Bahkan namanya masuk dalam pembentukan dan pembinaan Pasukan Pengibar Bendera Pusaka (Paskibraka) yang beranggotakan pelajar asal berbagai penjuru negeri. Muntahar juga aktif menciptakan lagu. Sebagai seorang komponis handal, sejumlah lagu nasional seperti Dirgahayu Indonesiaku, hymne Syukur, dan Mars Hari Merdeka tercipta dari tangan dinginnya.
Bahkan lagu-lagu kepanduan yang banyak dikenal hingga saat ini merupakan ciptaannya, seperti Gembira, Mari Tepuk, Tepuk Tangan Silang-Silang, Slamatlah, Saat Berpisah, Jangan Putus Asa, hingga Hymne Pramuka.
Pria keturunan Arab-Indonesia ini berasal dari keluarga mapan dan kelompok sayyid yang memiliki garis keturunan kepada Nabi Muhammad. Ia mengenyam sejumlah jenjang pendidikan era kolonial penjajah dan berkuliah di Fakultas Hukum Universitas Gajah Mada.
Selepas itu pada tahun 1945, Husein Muntahar bekerja sebagai Sekretaris Panglima Angkatan Laut RI di Yogyakarta.

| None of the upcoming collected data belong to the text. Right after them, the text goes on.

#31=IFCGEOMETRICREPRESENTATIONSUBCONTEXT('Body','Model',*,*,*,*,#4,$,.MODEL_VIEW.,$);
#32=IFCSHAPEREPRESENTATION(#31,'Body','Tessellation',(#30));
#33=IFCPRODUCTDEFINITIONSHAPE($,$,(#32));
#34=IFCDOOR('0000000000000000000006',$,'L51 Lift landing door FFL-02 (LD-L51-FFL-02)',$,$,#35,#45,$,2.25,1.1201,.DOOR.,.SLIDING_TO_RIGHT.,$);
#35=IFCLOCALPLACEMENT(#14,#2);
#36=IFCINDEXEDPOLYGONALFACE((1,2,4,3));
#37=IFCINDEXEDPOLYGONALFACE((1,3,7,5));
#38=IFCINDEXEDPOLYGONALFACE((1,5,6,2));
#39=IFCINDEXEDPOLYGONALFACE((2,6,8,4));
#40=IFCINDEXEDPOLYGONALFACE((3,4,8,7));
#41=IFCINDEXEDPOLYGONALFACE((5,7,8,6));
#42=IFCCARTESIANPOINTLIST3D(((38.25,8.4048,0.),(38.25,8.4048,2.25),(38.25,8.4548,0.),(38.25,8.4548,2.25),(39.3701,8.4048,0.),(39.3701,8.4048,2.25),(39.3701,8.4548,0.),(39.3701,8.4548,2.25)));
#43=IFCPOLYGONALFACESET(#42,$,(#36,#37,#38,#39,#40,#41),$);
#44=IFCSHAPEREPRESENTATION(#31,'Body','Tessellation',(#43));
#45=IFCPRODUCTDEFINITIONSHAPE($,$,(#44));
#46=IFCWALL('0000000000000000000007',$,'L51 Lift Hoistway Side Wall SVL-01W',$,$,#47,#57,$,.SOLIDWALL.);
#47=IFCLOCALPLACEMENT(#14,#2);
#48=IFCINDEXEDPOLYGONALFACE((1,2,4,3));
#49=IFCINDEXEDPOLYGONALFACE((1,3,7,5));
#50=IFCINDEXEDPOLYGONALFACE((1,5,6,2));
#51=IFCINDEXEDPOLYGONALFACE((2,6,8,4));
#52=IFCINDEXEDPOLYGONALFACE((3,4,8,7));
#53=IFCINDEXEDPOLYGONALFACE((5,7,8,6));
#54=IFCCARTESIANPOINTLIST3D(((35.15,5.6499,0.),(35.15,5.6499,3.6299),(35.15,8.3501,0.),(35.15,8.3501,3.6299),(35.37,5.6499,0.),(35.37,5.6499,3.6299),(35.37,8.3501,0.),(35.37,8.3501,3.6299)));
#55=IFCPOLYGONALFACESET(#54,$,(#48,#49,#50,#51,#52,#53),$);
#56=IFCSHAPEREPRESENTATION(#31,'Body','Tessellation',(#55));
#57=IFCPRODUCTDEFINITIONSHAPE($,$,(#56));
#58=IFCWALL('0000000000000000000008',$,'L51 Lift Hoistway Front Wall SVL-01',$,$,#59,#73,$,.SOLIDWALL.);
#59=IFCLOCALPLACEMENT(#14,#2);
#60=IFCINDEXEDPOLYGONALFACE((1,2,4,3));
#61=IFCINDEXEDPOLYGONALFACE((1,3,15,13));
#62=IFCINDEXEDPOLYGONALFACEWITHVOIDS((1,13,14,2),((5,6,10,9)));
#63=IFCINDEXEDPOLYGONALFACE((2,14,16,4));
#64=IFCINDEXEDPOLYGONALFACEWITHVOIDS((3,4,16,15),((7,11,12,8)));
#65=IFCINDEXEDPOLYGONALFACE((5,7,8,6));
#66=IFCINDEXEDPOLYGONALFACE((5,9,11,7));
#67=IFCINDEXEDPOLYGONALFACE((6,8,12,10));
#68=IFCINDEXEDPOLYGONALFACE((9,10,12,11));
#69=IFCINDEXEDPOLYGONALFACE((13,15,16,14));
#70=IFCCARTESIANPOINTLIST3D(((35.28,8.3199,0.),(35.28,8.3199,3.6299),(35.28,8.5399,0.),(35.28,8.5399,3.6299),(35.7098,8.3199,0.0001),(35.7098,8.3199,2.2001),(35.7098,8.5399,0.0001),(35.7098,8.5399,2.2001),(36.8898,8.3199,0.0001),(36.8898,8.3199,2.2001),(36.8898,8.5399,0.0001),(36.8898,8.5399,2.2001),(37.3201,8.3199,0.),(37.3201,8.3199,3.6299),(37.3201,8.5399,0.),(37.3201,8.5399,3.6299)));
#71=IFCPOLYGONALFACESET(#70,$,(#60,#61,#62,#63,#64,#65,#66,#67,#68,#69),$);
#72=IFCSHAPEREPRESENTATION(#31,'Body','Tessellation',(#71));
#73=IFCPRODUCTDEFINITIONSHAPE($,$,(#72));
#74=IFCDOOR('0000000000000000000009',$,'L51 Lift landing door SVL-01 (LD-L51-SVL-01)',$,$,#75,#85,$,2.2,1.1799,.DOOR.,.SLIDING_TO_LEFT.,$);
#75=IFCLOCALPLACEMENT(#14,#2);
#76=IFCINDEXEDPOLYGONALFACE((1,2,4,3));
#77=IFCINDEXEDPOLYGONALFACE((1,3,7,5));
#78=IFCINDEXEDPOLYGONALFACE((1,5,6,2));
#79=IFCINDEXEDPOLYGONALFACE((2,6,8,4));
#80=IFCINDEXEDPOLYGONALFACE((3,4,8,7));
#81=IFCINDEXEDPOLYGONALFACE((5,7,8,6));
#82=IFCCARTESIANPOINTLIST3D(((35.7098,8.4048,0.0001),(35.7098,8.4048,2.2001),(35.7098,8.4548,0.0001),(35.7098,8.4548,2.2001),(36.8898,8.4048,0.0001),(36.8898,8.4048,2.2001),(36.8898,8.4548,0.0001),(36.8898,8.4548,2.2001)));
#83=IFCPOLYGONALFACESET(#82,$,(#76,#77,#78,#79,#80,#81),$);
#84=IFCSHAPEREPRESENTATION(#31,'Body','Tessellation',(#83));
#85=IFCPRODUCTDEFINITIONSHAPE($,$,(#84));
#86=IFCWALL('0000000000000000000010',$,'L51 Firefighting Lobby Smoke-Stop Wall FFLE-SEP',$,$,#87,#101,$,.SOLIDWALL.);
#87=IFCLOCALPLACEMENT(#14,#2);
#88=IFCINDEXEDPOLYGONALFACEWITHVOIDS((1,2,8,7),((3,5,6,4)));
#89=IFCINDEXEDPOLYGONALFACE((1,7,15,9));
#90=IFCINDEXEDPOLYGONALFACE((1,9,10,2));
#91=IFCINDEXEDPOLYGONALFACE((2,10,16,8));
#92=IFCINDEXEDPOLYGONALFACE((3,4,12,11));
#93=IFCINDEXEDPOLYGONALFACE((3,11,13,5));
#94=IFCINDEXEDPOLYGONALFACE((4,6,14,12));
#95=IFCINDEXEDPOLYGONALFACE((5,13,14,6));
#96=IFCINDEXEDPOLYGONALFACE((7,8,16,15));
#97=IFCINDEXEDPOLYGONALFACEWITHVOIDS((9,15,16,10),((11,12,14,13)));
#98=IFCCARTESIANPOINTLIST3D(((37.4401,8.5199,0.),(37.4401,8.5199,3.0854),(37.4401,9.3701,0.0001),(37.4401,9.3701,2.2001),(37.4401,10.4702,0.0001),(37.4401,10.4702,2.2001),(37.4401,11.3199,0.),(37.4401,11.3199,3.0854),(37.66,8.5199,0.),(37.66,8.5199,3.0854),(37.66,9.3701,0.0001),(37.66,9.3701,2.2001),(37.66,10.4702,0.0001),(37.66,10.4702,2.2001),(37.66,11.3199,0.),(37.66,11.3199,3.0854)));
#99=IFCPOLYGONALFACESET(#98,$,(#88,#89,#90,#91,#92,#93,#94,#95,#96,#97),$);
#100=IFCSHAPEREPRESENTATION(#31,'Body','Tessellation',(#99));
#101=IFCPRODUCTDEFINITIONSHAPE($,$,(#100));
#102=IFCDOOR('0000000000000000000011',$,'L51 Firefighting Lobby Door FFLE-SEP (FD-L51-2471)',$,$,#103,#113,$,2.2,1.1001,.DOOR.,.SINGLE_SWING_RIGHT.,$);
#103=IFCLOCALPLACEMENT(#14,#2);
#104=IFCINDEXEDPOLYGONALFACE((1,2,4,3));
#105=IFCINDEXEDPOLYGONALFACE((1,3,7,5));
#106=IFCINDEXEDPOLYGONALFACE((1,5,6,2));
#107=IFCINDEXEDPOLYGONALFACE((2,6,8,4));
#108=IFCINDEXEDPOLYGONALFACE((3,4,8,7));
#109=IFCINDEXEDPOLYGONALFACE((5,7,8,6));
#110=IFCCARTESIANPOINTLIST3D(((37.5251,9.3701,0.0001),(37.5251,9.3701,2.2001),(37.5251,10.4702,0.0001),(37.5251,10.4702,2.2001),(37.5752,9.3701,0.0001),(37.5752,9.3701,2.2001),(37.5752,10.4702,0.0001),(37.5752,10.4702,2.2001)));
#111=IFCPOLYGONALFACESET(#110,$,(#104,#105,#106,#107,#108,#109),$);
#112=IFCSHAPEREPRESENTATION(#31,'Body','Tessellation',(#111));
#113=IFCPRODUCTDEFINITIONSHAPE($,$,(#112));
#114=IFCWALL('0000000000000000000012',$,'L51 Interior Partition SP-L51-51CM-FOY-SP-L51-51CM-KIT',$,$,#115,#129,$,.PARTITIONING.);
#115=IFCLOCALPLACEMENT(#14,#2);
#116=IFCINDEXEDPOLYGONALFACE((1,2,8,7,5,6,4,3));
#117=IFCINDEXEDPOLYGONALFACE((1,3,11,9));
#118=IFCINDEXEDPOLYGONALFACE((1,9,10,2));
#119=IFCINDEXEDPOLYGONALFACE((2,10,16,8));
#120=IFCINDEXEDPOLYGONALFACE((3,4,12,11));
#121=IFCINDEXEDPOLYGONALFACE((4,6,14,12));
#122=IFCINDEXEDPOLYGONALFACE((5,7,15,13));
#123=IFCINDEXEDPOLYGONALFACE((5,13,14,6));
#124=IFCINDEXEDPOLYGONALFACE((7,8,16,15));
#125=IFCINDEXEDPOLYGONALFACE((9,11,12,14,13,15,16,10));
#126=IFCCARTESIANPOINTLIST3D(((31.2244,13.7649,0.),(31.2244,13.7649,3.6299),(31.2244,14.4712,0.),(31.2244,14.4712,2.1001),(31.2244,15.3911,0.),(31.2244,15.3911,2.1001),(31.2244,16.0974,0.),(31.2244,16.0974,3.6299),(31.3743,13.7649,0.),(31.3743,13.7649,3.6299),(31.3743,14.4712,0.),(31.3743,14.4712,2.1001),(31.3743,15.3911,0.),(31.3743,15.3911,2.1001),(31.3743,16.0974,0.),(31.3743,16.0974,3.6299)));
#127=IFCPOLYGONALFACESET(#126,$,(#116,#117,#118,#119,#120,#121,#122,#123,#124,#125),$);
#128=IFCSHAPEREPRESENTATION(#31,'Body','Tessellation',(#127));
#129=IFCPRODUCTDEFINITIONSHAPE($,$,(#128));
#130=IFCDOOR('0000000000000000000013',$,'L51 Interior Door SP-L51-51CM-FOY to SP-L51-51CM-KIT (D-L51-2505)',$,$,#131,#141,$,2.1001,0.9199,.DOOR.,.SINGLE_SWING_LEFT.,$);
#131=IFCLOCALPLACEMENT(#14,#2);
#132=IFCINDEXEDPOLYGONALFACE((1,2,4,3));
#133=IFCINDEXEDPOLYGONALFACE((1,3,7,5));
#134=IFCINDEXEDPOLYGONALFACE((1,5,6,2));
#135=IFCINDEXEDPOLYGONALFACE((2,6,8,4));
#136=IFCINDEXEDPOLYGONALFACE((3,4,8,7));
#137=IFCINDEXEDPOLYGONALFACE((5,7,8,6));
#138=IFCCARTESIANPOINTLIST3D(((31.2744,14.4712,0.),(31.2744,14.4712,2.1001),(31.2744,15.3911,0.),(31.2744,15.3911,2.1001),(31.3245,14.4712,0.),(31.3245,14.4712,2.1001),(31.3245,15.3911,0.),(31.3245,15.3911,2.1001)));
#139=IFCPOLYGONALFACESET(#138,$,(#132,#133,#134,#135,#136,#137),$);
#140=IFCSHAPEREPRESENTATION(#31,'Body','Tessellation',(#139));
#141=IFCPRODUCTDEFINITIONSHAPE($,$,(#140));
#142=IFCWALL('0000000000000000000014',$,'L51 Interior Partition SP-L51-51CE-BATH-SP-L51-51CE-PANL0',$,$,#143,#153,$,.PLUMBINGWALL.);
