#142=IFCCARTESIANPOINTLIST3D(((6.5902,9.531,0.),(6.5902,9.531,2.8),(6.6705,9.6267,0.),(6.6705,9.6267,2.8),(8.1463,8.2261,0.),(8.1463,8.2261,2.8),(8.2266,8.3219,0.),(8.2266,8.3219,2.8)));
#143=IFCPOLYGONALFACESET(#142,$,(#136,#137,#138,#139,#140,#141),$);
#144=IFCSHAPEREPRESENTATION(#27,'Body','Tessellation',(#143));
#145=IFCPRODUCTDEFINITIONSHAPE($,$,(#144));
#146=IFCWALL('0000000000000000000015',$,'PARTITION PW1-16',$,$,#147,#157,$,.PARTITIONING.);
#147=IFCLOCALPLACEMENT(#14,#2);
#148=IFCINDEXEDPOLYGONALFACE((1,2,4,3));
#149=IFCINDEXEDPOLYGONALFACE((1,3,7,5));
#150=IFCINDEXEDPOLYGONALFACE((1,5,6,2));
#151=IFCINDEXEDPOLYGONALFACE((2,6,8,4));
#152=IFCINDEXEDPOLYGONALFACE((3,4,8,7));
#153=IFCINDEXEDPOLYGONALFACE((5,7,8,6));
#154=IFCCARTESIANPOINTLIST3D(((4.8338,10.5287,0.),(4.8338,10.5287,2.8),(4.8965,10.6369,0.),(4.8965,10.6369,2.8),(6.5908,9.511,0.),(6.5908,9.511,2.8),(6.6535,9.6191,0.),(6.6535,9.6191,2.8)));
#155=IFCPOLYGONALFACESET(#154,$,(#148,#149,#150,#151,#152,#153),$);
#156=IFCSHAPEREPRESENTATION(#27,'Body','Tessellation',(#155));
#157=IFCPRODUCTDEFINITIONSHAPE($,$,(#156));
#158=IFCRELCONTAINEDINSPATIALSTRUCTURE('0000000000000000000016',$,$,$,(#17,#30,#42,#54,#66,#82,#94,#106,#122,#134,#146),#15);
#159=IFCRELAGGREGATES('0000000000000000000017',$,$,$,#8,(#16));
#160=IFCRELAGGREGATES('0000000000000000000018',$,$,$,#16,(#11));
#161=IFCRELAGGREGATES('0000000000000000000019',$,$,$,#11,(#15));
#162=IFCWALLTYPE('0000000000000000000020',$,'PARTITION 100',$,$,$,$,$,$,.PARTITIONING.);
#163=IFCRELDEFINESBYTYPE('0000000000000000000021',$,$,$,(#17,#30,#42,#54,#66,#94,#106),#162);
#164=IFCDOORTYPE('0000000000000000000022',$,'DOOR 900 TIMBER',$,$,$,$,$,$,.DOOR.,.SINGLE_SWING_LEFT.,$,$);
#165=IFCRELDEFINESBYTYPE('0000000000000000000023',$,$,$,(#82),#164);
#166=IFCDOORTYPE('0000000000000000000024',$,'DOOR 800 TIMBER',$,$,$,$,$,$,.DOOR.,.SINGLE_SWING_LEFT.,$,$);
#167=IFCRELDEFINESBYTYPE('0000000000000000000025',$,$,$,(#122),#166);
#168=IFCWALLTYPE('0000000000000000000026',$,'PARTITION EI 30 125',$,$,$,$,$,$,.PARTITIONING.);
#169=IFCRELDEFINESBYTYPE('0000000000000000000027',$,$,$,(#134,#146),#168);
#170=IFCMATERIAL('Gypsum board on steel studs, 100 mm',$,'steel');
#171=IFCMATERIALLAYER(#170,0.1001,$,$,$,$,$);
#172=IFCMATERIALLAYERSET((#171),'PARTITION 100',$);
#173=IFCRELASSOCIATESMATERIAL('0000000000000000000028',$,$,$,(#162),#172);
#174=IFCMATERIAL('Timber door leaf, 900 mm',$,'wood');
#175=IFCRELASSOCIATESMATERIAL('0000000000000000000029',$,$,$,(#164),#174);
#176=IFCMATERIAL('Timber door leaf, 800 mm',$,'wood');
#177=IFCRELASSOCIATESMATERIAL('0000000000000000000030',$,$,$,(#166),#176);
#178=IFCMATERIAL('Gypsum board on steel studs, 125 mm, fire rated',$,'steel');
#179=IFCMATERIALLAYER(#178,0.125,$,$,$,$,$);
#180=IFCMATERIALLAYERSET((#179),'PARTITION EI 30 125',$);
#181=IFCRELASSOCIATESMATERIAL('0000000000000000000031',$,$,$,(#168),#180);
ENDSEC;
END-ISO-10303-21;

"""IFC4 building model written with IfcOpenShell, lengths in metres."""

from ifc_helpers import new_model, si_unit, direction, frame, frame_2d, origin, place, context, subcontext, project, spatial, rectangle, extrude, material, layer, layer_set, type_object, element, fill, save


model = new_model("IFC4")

Dua tahun kemudian bertugas sebagai pegawai tinggi Sekretariat Negara di Yogyakarta.
Kepiawaiannya menguasai sedikitnya enam bahasa secara aktif mengantarkan ia menjadi Duta Besar RI di Tahta Suci (Vatikan) periode 1969-1973. Selepas itu ia diminta menjabat Sekretaris Jenderal Departemen Luar Negeri yang sekarang menjadi Kementerian Luar Negeri.